Eduard Kreyßig [de] was the man who made this happen.[61] Having been the master-builder of the city of Mainz since 1865, Kreyßig had the vision for the new part of town, the Neustadt.[61] He also planned the first sewer system for the old part of town since Roman times and persuaded the city government to relocate the railway line from the Rhine side to the west end of the town. The main station was built from 1882 to 1884 according to the plans of Philipp Johann Berdellé [de].[62]

Mainz including expansion zone the Rhine (1898)

Kreyßig constructed a number of state-of-the-art public buildings, including the Mainz town hall – which was the largest of its kind in Germany at that time – as well a synagogue,[63] the Rhine harbour and a number of public baths and school buildings.[64] Kreyßig's last work was Christ Church (Christuskirche), the largest Protestant church in the city and the first building constructed solely for the use of a Protestant congregation.[65] In 1905 the demolition of the entire circumvallation and the Rheingauwall was taken in hand, according to the imperial order of Wilhelm II.[66]

20th century

[edit]

During the German Revolution of 1918 the Mainz Workers' and Soldiers' Council was formed which ran the city from 9 November until the arrival of French troops under the terms of the occupation of the Rhineland agreed in the Armistice. The French occupation was confirmed by the Treaty of Versailles which went into effect 28 June 1919. The Rhineland (in which Mainz is located) was to be a demilitarized zone until 1935 and the French garrison, representing the Triple Entente, was to stay until reparations were paid.[67]

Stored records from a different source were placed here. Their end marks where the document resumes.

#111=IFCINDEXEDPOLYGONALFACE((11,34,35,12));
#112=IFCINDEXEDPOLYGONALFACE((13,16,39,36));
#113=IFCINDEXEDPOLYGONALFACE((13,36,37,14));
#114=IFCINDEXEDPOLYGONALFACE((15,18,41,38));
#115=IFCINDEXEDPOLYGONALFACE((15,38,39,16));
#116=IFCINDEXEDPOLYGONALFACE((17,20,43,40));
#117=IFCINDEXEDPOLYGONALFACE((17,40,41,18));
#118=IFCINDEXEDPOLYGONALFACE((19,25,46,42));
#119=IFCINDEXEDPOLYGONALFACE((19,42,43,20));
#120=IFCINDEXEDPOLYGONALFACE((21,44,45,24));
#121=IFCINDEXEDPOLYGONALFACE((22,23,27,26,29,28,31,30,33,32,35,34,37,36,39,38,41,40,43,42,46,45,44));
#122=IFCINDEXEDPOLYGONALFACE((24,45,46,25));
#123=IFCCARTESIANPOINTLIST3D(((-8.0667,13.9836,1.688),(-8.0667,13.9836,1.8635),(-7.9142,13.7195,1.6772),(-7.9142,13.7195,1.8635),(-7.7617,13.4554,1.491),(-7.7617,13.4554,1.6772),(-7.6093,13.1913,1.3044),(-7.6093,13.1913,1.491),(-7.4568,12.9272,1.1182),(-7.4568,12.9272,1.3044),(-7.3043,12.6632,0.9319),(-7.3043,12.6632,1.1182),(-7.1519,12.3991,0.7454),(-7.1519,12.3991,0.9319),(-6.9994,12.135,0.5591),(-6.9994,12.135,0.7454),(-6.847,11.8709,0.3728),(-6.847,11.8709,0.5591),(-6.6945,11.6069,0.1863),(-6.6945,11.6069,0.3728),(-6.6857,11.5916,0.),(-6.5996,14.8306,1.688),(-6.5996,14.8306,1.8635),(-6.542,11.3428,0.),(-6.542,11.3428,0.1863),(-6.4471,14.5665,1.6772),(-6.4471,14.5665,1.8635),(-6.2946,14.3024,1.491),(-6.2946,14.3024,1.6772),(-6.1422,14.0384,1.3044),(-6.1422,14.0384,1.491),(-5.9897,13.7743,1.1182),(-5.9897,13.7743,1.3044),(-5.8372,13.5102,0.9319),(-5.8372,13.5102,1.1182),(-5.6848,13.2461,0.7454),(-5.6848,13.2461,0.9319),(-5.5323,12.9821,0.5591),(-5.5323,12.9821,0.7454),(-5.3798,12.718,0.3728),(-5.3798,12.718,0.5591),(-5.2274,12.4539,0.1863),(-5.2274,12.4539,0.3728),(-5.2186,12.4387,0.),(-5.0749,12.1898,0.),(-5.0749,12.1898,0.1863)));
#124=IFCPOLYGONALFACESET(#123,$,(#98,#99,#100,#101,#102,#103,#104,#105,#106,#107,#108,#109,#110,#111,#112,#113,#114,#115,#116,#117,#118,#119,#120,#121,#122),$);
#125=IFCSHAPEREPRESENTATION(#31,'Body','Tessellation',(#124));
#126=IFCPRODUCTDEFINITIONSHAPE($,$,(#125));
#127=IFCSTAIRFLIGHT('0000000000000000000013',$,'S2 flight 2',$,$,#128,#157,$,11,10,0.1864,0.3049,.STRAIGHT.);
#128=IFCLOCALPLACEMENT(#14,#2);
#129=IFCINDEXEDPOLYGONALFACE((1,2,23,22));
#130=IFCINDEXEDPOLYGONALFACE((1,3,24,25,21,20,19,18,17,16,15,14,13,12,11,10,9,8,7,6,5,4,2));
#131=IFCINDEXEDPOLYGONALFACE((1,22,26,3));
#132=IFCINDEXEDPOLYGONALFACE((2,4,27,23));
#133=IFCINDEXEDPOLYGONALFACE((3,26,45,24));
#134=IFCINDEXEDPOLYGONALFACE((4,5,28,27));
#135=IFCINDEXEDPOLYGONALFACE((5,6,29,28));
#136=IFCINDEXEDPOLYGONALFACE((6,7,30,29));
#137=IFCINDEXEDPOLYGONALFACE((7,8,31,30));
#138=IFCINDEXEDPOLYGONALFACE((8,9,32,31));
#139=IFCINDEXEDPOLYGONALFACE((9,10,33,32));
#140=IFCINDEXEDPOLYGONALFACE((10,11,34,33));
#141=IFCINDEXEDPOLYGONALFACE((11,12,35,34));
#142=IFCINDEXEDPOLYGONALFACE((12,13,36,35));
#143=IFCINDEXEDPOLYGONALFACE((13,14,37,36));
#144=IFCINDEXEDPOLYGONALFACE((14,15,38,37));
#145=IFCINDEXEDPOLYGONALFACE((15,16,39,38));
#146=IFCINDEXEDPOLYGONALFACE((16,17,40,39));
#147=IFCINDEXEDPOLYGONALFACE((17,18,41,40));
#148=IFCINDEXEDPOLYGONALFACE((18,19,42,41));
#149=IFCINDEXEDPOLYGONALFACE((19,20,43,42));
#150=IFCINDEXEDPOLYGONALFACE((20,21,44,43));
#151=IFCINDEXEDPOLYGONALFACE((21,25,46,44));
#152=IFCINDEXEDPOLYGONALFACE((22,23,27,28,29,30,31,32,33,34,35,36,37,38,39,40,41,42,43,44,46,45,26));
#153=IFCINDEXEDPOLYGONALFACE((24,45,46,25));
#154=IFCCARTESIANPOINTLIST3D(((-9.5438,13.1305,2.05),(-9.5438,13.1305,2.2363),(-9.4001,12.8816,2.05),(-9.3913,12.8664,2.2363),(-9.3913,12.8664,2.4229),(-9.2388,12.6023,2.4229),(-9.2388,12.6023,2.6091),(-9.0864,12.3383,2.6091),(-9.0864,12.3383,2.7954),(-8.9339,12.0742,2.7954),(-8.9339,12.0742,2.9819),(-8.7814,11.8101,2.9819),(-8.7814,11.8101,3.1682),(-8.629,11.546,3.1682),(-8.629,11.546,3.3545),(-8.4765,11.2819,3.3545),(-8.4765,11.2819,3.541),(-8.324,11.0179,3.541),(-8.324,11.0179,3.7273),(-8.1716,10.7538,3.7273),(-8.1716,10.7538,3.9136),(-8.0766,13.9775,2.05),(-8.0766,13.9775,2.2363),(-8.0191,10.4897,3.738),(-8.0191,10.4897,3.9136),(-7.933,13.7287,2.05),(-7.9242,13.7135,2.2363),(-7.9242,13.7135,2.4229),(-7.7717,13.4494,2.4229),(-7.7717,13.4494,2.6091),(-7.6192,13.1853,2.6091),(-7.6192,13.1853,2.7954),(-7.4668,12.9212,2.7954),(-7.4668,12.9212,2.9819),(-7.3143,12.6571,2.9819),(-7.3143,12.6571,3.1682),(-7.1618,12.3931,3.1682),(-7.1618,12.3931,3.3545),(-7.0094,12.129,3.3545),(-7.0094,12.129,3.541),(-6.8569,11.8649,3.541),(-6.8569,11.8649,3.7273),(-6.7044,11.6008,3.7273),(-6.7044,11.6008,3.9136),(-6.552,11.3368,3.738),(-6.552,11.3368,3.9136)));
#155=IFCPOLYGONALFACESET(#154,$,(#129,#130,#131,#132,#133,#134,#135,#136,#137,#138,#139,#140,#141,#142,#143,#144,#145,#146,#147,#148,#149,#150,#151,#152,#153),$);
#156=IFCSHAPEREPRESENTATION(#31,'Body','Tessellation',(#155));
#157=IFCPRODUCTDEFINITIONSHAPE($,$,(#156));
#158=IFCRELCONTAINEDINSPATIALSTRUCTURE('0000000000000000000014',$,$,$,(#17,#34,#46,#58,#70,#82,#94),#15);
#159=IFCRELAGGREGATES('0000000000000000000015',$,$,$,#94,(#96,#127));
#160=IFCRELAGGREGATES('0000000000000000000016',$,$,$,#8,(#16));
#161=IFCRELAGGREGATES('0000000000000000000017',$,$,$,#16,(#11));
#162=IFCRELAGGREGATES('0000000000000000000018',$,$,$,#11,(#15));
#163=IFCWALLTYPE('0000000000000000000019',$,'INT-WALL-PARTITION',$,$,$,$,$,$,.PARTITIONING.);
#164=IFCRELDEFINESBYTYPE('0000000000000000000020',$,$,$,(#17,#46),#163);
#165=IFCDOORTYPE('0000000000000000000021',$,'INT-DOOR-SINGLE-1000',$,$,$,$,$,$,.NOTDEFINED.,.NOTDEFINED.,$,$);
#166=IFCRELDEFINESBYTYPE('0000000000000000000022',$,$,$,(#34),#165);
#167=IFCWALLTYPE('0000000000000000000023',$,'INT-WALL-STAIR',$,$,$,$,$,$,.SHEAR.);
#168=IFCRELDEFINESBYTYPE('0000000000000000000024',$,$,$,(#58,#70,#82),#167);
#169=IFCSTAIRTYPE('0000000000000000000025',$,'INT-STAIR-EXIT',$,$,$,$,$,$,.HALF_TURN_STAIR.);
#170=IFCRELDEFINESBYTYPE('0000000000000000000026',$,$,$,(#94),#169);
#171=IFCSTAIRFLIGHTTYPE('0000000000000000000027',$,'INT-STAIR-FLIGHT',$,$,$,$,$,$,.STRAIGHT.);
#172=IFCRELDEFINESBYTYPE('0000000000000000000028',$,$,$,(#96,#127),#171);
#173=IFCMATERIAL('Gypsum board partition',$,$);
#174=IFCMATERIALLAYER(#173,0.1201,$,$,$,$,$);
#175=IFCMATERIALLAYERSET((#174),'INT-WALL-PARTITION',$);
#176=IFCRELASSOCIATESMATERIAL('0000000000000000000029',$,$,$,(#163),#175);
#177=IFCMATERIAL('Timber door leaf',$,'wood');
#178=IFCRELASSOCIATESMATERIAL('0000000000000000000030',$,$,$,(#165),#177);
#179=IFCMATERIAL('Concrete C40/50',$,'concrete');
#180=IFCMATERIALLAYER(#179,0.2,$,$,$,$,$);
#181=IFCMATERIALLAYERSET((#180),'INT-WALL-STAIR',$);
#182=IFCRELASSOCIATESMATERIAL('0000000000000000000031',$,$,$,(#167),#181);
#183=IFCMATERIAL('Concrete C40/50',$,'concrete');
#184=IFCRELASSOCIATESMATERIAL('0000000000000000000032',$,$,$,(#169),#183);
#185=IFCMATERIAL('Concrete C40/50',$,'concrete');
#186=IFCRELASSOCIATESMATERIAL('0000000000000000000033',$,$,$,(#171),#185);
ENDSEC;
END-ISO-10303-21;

In 1923 Mainz participated in the Rhineland separatist movement that proclaimed a Rhenish Republic.[68] It collapsed in 1924.[68] The French withdrew on 30 June 1930.[68] Adolf Hitler became chancellor of Germany in January 1933 and his political opponents, especially those of the Social Democratic Party, were either incarcerated or murdered.[69] Some were able to move away from Mainz in time.[69] One was the political organizer for the SPD, Friedrich Kellner, who went to Laubach, where, as the chief justice inspector of the district court, he continued his opposition against the Nazis by recording their misdeeds in a 900-page diary.[70][71]

In March 1933, a detachment from the National Socialist Party in Worms brought the party to Mainz. They hoisted the swastika on all public buildings and began to denounce the Jewish population in the newspapers. In 1936, the Nazis remilitarized the Rhineland with great fanfare, the first move of Nazi Germany's meteoric expansion. The former Triple Entente took no action.[72]

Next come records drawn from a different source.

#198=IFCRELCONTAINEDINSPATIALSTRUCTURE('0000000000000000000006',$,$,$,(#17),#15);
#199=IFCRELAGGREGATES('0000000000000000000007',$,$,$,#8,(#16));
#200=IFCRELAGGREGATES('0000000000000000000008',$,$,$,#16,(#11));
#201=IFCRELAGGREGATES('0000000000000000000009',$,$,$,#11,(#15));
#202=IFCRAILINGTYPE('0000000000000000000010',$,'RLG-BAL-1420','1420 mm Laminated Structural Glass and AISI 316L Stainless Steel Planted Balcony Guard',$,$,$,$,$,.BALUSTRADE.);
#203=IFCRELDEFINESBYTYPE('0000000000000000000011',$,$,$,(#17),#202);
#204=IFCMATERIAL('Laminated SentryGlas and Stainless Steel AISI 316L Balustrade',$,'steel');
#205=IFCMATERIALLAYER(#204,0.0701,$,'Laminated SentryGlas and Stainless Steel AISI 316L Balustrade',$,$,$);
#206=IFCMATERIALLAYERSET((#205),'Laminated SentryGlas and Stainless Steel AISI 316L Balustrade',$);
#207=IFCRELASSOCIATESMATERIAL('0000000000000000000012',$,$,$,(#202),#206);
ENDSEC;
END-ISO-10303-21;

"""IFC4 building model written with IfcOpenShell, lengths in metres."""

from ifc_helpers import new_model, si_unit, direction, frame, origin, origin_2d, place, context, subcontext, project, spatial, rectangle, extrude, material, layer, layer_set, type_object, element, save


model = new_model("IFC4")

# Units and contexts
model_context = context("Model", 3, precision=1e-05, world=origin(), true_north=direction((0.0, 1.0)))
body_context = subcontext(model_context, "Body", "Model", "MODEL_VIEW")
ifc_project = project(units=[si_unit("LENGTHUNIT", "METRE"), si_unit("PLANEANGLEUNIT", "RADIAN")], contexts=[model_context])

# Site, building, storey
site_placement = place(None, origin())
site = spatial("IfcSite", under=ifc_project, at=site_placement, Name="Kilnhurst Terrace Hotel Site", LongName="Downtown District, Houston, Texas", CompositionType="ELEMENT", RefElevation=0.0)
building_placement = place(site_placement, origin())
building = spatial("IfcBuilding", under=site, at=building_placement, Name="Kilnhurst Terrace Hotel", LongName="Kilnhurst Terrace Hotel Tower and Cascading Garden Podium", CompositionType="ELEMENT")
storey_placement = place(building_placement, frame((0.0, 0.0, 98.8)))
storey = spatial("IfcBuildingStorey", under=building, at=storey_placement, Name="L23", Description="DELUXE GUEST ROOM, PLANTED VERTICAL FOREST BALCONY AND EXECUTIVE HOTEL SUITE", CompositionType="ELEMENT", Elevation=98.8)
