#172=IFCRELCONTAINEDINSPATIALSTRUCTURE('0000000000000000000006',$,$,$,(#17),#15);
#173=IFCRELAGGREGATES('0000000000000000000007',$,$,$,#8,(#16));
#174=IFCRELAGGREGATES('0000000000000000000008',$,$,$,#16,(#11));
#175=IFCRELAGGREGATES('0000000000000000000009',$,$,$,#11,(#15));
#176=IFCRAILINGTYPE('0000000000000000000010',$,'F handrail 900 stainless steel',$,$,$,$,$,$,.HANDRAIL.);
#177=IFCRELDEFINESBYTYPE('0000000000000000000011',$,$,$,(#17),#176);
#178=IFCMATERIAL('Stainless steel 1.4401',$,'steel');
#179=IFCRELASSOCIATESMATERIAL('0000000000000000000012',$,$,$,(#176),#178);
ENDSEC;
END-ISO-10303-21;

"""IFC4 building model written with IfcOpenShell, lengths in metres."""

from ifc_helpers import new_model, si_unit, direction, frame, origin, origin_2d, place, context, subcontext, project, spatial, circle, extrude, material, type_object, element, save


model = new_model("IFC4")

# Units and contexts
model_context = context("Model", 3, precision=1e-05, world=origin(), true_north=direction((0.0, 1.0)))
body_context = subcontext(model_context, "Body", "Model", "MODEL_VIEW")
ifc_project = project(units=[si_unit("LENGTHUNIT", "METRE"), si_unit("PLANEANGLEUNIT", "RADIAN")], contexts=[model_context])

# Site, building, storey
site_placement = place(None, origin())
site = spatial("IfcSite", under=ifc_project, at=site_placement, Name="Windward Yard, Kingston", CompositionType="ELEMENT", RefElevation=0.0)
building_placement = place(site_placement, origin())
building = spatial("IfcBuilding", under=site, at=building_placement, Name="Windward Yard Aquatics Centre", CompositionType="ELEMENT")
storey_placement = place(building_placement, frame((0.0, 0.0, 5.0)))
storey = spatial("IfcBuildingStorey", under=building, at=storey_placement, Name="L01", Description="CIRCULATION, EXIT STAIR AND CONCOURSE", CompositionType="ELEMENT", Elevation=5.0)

During World War II the citadel at Mainz hosted the Oflag XII-B prisoner of war camp.[73] The city was also the location of four subcamps of the Hinzert concentration camp, mostly for Luxembourgish, Polish, Dutch and Soviet prisoners, but also Belgian, French and Italian.[74]

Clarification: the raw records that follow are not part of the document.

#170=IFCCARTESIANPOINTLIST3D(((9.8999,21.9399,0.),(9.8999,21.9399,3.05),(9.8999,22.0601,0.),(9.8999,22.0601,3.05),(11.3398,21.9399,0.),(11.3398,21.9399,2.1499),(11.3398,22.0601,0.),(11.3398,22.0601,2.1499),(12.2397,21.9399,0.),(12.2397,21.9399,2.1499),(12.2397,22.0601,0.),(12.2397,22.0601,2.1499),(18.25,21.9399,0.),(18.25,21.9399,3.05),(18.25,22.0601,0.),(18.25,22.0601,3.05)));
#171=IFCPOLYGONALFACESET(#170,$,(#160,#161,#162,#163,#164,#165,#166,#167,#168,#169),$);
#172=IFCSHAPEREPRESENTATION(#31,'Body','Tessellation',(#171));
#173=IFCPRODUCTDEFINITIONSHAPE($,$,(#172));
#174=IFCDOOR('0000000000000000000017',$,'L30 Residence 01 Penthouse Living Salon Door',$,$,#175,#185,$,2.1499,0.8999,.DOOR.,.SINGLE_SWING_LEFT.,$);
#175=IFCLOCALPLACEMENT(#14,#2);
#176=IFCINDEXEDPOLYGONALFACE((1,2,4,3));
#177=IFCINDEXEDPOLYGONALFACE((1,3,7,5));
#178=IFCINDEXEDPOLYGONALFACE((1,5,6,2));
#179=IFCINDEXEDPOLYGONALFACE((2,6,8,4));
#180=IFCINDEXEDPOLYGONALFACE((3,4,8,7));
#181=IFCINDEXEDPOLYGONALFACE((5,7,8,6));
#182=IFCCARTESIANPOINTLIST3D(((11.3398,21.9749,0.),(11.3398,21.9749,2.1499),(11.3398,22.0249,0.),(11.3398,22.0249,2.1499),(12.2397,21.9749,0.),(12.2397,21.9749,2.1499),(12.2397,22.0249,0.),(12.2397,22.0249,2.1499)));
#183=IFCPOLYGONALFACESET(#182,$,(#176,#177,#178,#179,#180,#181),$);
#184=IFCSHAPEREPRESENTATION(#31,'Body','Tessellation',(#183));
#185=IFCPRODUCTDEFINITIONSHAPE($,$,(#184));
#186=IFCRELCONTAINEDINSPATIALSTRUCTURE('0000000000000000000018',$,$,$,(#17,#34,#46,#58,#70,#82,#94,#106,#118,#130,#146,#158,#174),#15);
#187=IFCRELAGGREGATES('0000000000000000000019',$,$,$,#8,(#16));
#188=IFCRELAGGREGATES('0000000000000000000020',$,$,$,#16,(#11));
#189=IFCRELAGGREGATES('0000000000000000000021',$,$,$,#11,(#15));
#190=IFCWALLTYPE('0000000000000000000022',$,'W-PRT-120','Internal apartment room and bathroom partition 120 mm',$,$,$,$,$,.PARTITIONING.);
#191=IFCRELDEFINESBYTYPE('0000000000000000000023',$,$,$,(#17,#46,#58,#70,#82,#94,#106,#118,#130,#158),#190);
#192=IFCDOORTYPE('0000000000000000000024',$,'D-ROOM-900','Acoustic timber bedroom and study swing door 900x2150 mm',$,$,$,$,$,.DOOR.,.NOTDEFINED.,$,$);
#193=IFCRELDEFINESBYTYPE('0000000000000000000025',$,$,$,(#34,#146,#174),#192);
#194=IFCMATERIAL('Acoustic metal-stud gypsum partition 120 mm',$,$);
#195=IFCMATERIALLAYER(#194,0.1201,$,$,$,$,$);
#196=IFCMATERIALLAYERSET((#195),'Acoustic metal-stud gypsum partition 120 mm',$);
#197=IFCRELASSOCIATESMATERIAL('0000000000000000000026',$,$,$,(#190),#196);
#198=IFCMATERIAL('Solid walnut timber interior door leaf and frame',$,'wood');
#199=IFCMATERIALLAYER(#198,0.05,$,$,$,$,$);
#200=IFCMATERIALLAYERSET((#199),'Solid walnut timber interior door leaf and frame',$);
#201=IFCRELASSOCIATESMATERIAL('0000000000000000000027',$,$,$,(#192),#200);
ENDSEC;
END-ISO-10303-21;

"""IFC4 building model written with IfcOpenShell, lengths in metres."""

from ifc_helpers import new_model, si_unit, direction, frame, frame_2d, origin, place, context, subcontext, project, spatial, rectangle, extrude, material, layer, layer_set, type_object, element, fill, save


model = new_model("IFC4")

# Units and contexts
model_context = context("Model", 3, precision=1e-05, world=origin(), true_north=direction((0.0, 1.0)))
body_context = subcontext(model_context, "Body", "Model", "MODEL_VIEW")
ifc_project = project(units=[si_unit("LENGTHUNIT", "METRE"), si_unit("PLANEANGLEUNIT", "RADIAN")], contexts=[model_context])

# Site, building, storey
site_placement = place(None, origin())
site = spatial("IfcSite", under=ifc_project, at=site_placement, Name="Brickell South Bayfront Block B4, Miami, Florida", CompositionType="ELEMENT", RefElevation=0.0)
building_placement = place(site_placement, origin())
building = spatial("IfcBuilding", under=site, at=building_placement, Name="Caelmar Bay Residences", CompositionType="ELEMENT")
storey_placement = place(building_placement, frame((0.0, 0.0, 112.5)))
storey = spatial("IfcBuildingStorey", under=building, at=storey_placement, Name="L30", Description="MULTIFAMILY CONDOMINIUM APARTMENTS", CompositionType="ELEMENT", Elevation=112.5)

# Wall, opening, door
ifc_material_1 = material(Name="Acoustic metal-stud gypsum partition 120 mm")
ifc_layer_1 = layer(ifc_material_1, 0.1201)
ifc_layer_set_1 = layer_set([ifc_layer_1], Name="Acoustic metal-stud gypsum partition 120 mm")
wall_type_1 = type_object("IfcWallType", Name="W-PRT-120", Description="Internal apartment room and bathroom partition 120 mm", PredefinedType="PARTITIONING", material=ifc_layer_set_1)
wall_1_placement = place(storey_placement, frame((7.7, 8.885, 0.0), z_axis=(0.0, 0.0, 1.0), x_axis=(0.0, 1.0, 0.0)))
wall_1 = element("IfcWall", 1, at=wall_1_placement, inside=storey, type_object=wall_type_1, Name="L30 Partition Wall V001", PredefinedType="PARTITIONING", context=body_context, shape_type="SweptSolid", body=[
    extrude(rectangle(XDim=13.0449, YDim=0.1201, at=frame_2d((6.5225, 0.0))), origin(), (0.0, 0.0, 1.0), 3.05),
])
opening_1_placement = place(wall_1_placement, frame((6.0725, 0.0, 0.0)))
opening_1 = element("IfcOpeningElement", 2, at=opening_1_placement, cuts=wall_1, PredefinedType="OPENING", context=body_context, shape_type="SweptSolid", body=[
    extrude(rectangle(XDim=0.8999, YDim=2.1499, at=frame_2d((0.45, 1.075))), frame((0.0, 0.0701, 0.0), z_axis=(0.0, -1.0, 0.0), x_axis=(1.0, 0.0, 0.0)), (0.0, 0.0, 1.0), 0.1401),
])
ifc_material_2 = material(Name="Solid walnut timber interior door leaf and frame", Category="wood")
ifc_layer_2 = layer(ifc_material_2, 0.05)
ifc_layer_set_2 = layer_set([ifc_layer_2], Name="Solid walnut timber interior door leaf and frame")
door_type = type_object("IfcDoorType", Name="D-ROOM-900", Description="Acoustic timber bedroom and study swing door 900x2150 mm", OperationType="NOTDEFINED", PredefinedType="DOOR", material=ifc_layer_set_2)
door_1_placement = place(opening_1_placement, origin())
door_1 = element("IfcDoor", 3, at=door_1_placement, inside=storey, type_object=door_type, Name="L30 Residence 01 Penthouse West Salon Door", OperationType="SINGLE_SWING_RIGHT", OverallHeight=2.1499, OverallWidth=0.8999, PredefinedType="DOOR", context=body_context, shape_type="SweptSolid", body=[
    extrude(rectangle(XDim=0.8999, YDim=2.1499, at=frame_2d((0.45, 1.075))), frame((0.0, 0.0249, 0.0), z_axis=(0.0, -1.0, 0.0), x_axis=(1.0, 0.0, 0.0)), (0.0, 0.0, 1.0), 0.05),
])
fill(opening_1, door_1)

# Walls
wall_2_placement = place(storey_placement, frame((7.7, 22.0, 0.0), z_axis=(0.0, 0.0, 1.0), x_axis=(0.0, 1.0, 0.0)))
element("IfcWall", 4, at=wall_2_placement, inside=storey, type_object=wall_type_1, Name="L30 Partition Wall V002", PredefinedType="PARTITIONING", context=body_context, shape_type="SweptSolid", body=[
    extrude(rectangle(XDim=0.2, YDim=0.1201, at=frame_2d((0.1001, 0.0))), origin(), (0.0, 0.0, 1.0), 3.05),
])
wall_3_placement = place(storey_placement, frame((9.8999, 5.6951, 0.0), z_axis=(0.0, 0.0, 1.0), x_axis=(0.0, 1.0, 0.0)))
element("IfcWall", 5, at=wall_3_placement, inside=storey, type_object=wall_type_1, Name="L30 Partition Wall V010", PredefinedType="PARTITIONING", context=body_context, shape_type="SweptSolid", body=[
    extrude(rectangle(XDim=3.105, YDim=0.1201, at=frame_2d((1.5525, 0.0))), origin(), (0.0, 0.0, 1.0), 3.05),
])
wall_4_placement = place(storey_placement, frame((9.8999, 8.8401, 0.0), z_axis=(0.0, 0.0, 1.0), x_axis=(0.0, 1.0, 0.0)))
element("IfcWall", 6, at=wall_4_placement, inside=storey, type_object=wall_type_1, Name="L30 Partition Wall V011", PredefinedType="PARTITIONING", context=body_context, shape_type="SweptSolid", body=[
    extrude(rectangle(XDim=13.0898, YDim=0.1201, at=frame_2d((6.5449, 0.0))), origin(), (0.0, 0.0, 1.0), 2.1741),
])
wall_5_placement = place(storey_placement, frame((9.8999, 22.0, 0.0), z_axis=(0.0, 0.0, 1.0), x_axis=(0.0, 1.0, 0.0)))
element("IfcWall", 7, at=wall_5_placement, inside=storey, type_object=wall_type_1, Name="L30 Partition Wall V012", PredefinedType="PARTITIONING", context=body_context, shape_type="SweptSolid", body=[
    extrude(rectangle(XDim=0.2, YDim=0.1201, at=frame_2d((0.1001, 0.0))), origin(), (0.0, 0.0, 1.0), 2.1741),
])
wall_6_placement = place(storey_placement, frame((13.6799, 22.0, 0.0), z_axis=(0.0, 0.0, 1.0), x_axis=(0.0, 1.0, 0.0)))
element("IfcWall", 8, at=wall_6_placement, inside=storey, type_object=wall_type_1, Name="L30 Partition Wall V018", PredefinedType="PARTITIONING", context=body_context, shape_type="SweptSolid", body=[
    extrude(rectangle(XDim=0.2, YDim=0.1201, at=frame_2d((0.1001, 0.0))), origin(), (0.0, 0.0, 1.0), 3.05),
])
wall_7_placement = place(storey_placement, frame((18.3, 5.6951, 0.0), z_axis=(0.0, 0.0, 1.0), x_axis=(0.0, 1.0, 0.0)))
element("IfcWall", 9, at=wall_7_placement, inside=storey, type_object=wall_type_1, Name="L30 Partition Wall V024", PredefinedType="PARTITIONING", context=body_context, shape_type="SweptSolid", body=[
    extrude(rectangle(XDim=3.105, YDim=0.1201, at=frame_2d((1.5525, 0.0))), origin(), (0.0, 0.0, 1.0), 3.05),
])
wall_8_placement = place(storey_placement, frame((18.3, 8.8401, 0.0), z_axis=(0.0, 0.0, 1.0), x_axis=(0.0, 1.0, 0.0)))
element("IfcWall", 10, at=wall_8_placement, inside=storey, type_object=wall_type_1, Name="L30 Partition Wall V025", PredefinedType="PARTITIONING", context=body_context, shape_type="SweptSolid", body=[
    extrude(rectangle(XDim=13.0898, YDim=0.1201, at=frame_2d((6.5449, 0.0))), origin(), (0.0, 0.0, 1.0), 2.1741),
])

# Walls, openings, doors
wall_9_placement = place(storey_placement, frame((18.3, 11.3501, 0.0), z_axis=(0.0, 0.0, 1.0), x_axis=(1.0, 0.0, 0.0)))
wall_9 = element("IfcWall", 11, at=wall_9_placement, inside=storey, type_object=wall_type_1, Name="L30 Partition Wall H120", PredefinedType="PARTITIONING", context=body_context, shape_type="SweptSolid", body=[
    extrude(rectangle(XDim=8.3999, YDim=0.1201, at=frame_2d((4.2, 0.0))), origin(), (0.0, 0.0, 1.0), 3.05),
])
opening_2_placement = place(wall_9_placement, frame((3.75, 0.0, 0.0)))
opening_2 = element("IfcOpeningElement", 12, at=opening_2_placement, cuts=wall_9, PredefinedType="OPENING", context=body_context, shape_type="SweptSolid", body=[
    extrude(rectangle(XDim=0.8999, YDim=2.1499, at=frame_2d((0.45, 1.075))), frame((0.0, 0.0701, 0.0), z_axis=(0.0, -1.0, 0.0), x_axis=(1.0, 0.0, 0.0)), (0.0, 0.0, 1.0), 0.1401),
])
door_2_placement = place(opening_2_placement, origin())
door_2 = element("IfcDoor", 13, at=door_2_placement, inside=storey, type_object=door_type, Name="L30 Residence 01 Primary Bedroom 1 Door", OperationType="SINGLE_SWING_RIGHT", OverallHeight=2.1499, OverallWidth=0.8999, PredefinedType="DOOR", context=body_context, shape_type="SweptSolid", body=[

During World War II, several air raids destroyed about 80 per cent of the city's centre, including most of the historic buildings.[75] Mainz was captured on 22 March 1945[75] against uneven German resistance (staunch in some sectors and weak in other parts of the city) by the 90th Infantry Division under William A. McNulty, a formation of the XII Corps under Third Army commanded by General George S. Patton Jr.[76]

From 1945 to 1949, the city was part of the French zone of occupation. When the state of Rhineland-Palatinate was founded on 30 August 1946 by the commander of the French army on the French occupation zone Marie Pierre Kœnig, Mainz became the capital of the new state.[77] In 1962, the diarist, Friedrich Kellner, returned to spend his last years in Mainz. His life in Mainz, and the impact of his writings, is the subject of the Canadian documentary My Opposition: The Diaries of Friedrich Kellner.[78]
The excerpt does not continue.